Correlation != Causation

This morning, I tweeted the message below without much context:

With the 280 character limit of Twitter (hard to believe it used to be 140), sometimes it’s difficult to fully express an idea or the context behind it and instead of trying to create a messy, multi-threaded tweet, I just left it there as food for thought. But here on my blog, I can elaborate further on why this situation stood out to me and how it applies to you, the reader, who’s most likely in an IT related role.
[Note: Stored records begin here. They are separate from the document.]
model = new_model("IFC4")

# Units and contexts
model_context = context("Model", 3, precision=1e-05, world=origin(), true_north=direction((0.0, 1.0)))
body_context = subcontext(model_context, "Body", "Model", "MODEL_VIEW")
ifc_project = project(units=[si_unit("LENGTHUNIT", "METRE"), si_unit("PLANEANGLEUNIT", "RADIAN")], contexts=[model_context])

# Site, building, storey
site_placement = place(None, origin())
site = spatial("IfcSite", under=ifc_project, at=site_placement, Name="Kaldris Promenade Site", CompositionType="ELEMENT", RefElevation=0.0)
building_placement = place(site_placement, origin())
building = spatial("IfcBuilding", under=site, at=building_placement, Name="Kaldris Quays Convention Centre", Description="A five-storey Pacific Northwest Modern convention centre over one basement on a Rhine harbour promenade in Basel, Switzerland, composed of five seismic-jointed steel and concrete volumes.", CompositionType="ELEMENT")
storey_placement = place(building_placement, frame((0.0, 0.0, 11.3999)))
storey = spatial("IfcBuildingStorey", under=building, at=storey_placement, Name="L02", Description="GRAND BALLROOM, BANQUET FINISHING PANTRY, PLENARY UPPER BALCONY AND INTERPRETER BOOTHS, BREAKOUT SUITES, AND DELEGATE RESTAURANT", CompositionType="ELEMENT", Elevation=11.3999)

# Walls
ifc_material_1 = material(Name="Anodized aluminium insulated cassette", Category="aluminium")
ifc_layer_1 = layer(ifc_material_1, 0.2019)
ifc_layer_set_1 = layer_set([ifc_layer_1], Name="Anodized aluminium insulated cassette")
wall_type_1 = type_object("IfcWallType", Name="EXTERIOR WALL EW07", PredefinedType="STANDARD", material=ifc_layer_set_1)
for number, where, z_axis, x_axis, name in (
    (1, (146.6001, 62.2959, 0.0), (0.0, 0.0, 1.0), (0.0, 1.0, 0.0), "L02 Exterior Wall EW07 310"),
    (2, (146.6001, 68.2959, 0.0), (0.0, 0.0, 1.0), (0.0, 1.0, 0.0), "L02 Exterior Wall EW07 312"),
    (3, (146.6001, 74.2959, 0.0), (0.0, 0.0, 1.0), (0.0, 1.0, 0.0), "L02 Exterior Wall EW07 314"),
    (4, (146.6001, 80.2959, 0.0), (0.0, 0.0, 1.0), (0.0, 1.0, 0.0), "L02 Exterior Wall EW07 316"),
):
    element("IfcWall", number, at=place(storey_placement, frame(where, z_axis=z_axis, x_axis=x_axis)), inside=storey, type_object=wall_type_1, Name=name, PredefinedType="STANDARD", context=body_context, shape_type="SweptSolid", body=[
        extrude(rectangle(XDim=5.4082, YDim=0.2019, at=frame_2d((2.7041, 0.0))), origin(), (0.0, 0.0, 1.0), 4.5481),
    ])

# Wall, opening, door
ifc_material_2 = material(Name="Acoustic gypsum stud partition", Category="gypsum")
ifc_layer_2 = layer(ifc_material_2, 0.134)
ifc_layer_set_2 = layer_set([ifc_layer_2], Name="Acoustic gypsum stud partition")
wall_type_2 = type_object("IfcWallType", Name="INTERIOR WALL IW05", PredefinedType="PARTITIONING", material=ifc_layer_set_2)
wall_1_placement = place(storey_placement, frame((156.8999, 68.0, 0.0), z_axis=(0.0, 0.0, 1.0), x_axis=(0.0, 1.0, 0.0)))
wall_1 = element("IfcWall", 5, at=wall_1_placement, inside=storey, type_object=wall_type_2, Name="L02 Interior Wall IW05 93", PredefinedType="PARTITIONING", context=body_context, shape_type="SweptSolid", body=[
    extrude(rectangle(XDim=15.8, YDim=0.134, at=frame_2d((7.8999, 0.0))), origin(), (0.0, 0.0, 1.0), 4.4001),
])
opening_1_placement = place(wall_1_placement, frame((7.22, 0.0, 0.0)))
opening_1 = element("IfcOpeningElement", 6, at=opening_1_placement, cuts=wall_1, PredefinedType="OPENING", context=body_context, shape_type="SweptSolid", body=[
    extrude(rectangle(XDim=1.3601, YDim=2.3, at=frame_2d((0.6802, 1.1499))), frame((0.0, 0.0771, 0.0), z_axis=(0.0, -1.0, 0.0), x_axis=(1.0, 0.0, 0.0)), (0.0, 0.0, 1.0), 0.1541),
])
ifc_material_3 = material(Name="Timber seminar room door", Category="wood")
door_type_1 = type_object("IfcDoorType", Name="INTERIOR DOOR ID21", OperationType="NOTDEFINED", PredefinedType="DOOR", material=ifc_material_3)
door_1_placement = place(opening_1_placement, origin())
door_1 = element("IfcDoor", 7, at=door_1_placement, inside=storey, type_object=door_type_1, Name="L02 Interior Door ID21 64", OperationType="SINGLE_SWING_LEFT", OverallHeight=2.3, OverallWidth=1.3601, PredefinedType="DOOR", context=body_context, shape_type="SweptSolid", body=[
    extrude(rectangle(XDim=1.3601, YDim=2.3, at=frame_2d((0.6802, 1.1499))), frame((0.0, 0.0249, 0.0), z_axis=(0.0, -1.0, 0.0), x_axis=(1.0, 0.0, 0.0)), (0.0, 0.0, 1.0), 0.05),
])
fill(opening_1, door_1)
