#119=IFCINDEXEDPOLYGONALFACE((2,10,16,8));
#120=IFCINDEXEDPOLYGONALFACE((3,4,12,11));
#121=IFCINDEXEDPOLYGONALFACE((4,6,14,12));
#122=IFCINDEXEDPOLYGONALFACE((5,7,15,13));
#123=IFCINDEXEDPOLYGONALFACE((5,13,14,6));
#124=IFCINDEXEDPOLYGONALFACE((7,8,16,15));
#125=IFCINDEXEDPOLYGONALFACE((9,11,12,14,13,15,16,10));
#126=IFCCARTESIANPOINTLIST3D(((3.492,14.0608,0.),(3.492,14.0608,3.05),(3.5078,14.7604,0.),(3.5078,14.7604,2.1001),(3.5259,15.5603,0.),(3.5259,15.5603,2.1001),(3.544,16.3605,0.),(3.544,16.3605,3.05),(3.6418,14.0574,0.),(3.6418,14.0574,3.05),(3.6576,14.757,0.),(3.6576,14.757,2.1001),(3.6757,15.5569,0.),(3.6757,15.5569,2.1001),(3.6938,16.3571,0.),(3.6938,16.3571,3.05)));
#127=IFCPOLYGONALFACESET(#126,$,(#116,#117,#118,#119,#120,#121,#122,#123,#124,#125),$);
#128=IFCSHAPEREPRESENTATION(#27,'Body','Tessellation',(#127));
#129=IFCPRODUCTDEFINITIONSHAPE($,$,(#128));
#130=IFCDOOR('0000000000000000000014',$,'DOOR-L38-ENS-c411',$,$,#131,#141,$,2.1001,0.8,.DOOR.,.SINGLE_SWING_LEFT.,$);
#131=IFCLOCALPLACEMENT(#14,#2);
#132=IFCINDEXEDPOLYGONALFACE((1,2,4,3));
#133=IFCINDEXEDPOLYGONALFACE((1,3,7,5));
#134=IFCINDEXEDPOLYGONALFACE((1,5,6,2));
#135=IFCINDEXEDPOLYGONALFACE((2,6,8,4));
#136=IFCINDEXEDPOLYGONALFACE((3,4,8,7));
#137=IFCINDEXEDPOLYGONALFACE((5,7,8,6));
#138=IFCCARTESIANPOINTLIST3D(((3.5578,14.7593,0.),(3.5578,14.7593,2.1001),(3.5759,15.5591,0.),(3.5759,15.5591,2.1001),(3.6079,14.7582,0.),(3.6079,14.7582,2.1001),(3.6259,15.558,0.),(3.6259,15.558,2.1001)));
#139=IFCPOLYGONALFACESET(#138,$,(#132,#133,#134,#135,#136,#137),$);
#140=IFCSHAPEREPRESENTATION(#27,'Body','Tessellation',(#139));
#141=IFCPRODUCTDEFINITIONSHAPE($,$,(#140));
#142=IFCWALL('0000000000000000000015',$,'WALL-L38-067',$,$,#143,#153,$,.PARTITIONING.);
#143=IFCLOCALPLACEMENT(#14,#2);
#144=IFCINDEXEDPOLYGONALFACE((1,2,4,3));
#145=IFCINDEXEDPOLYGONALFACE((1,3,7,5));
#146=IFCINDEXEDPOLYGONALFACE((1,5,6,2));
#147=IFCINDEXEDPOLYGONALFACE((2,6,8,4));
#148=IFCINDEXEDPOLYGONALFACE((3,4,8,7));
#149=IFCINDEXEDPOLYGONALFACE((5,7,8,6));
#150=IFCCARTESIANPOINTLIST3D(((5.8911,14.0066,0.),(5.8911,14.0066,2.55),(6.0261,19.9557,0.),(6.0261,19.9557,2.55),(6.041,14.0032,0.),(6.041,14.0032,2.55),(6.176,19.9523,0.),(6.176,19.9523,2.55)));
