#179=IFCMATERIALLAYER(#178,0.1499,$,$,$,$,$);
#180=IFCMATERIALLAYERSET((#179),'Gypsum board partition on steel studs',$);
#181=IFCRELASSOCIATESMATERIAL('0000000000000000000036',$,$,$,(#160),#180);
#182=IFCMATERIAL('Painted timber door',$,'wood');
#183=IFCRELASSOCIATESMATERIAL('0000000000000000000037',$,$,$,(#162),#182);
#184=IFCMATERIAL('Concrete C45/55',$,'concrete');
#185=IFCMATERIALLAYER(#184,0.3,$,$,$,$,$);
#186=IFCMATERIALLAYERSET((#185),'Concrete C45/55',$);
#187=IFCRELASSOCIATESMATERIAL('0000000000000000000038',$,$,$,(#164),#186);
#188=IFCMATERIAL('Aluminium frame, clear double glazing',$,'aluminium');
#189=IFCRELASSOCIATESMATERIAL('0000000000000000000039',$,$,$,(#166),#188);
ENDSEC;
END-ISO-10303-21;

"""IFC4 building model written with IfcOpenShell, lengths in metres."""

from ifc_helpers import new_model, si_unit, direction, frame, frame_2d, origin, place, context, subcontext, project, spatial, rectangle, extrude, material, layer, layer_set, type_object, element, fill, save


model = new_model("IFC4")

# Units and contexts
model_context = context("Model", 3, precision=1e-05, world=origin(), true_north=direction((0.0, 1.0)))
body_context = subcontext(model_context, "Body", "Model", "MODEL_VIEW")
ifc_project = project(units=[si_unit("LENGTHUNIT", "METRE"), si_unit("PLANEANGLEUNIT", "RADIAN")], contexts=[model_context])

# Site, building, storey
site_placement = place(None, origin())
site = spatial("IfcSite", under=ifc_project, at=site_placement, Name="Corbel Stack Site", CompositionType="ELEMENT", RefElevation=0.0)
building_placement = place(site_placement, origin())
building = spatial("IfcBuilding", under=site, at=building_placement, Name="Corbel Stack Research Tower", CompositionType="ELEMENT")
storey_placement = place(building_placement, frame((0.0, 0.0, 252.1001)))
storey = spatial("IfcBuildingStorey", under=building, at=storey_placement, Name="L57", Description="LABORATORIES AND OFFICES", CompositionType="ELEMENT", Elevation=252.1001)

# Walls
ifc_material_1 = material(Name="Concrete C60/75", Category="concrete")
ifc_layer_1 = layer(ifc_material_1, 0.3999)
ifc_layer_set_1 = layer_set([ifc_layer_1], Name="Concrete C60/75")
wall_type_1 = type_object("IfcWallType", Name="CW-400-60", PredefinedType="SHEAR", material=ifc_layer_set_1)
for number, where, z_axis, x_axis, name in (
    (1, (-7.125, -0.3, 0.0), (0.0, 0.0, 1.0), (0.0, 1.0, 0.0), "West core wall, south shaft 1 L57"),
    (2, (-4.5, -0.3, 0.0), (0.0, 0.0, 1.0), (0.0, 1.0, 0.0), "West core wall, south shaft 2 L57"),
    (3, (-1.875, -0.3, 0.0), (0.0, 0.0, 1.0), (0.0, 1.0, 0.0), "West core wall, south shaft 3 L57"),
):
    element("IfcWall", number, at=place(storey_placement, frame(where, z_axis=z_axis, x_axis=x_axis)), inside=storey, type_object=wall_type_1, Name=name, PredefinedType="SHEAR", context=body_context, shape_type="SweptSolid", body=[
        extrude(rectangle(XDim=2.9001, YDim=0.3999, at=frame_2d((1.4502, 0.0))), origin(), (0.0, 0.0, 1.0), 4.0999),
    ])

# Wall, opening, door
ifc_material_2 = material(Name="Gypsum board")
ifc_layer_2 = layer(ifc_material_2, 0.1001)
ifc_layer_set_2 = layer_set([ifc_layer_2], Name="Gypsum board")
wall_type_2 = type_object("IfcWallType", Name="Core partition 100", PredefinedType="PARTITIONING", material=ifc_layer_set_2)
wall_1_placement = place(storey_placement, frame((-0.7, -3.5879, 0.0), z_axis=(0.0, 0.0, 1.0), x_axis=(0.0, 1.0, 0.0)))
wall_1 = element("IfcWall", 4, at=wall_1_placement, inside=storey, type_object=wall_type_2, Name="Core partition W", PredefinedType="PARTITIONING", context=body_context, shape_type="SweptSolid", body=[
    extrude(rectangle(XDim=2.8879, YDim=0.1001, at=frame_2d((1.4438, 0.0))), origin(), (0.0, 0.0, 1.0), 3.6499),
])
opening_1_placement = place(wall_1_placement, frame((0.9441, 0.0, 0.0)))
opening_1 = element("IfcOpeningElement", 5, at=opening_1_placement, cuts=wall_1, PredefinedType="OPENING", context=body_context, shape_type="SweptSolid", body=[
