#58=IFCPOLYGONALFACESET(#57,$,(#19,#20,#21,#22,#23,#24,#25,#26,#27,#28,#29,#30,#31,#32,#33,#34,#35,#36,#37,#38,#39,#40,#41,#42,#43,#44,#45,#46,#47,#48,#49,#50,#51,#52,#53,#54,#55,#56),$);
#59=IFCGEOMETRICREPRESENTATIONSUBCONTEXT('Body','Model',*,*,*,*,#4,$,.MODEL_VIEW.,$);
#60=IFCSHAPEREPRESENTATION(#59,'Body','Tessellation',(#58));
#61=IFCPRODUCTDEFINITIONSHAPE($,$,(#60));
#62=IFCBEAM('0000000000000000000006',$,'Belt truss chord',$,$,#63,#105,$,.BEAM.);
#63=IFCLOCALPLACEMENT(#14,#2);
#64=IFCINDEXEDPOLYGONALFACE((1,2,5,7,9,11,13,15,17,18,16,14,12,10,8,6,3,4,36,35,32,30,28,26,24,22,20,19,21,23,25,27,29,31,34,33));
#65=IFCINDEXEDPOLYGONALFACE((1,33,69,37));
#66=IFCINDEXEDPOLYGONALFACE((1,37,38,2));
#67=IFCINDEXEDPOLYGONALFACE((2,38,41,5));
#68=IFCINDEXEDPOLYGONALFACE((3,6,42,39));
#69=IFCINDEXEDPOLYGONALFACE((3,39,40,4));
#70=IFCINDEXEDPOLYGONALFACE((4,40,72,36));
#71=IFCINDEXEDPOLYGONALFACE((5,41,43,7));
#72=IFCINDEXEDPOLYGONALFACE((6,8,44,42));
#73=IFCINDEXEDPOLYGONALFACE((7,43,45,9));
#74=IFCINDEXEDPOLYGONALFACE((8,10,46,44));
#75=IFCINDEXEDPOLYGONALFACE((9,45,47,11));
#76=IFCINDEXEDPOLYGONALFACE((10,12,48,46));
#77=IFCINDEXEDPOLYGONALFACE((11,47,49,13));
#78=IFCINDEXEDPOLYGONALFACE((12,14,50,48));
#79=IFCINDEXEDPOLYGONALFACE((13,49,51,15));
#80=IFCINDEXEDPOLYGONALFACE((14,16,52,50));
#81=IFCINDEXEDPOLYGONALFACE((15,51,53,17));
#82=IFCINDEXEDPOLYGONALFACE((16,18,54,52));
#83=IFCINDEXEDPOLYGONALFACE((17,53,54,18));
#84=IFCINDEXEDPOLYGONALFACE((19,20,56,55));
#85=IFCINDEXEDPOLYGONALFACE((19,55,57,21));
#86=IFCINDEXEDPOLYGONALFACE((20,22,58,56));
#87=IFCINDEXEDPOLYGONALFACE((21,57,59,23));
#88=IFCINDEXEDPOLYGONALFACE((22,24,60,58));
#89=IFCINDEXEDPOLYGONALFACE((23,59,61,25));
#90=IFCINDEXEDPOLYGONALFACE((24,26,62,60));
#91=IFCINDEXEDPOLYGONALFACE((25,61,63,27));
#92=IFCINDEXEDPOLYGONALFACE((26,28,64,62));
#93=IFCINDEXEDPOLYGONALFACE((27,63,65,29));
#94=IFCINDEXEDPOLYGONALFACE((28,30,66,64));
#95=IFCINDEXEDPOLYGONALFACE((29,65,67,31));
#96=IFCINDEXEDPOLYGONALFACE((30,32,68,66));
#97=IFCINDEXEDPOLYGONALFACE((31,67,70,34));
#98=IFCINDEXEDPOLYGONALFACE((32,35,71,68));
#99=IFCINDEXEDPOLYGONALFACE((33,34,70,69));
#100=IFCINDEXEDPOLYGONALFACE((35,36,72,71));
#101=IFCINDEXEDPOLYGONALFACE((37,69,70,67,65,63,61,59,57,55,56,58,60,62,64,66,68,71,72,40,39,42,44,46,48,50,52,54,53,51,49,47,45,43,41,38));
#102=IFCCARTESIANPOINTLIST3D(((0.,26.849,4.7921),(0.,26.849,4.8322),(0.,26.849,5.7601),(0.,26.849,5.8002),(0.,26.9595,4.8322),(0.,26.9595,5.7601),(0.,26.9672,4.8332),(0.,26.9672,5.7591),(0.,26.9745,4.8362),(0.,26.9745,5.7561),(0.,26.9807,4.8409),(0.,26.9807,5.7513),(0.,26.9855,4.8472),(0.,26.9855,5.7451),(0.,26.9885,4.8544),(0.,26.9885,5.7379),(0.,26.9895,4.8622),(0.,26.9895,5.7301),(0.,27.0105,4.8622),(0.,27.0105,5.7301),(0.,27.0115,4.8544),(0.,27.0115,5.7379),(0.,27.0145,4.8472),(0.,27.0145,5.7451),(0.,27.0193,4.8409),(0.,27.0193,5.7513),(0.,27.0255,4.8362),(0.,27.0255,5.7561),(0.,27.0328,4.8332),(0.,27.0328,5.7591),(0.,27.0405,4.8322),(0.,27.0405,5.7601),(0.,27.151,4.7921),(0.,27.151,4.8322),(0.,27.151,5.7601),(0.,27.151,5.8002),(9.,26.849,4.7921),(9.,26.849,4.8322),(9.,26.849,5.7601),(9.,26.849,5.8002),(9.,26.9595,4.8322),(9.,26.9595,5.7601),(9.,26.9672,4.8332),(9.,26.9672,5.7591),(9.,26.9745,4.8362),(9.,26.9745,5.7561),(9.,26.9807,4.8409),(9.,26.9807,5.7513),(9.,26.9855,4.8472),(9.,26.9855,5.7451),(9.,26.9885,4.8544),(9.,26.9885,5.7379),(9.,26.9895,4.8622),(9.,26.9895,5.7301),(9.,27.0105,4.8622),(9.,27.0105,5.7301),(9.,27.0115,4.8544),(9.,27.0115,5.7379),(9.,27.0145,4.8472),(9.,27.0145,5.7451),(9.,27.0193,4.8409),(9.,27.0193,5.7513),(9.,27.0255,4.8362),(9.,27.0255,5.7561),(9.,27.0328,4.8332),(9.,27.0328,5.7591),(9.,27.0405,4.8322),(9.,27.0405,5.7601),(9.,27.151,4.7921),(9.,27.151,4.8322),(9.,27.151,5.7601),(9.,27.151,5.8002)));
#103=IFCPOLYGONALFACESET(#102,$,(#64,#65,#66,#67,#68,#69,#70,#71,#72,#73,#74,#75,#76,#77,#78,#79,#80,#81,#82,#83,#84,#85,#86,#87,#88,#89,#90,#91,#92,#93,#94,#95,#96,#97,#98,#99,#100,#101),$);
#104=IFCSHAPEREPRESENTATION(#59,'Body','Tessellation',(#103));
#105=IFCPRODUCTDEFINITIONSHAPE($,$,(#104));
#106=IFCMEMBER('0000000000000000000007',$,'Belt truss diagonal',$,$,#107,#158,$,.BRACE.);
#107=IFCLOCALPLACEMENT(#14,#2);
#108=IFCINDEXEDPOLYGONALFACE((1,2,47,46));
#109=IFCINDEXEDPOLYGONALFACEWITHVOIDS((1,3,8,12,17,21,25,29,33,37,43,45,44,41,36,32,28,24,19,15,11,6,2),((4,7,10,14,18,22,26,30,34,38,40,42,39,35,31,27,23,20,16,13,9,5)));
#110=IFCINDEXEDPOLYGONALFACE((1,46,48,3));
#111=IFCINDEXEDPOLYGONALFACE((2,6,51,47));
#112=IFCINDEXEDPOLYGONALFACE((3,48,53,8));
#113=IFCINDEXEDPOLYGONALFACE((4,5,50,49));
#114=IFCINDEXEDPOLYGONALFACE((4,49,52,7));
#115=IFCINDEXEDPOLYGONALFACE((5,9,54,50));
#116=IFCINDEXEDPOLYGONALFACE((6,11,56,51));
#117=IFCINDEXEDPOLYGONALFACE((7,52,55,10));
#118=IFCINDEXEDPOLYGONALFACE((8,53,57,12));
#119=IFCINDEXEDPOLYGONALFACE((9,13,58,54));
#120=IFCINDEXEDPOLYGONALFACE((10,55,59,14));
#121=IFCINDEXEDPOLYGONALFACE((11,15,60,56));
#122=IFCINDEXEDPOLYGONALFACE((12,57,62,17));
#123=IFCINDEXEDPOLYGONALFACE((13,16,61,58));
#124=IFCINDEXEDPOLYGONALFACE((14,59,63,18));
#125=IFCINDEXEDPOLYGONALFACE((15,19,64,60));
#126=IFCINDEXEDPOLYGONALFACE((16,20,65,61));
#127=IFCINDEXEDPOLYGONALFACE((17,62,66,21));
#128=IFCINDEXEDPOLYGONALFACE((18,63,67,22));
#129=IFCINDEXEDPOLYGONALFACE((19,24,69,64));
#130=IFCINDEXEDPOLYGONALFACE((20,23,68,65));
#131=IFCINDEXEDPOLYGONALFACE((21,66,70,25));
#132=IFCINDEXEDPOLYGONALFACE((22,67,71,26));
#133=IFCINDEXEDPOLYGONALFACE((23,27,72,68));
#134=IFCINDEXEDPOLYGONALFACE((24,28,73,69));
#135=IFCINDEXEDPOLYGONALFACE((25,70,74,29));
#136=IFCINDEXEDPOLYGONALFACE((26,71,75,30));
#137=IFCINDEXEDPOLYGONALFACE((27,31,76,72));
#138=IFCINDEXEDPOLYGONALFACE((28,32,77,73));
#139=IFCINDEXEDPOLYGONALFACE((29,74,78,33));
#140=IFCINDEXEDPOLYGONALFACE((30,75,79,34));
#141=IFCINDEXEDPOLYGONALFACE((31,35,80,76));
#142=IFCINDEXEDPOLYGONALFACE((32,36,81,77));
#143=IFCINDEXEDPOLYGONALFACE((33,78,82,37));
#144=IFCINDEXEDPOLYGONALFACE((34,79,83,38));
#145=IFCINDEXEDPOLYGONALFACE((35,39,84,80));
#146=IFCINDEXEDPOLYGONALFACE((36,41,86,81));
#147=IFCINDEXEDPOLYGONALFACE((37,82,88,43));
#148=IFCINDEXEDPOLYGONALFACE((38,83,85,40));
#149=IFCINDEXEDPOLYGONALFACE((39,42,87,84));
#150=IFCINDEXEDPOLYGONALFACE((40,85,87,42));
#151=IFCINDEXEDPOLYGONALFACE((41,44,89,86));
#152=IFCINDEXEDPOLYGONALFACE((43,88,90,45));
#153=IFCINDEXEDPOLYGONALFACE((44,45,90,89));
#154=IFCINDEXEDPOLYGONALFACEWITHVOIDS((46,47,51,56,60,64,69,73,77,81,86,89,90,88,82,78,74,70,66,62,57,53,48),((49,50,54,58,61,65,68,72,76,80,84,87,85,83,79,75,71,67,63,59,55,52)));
So going back to what happened, I want to be clear that the “leak” was very small, almost imperceptible. However, it was large enough to be picked up by the water company’s monitoring system and it was within minutes to maybe an hour from when our son arrived at our house. It wasn’t until 2-3 days later that my wife and I received the e-mail with the alert and we both immediately thought that it had to be related to our son’s visit over the weekend. We checked every faucet, toilet, and showerhead that he might have used and we didn’t notice anything out of place or any build-up of moisture in the sinks or tubs. For good measure, we even checked the water spigots outside since one of them is exposed to the public and we know how kids can be sometimes… Nothing. Then it hit me… The only place we hadn’t checked was our own master bathroom, because he was never in there. Checked the faucets, nothing. Checked the shower, nothing. Checked the toil… Hold on, I heard this low humming sound like the toilet might have been running. To confirm my suspicion, I turned the water off at the wall. The sound stopped. I decided to leave it off for a day or two to see if the leak reported in the monitoring system’s dashboard would stop and it did; we were seeing 0 usage during the hours we would expect to not be using water (i.e. while we were asleep). So I knew at that point it had to be the toilet. I’m no plumber and I haven’t stayed at a Holiday Inn Express recently or anything, but as a homeowner, I’ve had to deal with my fair share of minor plumbing jobs. So my first instinct was to check the flapper inside the tank. Sure enough, it had a small warp on part of it’s “lip” that wasn’t allowing a proper seal and thus allowing water to escape. Whew! For one, we found the issue pretty quickly. Two, it was something minor that I’ve dealt with before and only costed about $5-10 bucks to fix. Three, my water bill isn’t going to be outrageous due to this minor, but continuous leak that we might have never noticed until it got much worse.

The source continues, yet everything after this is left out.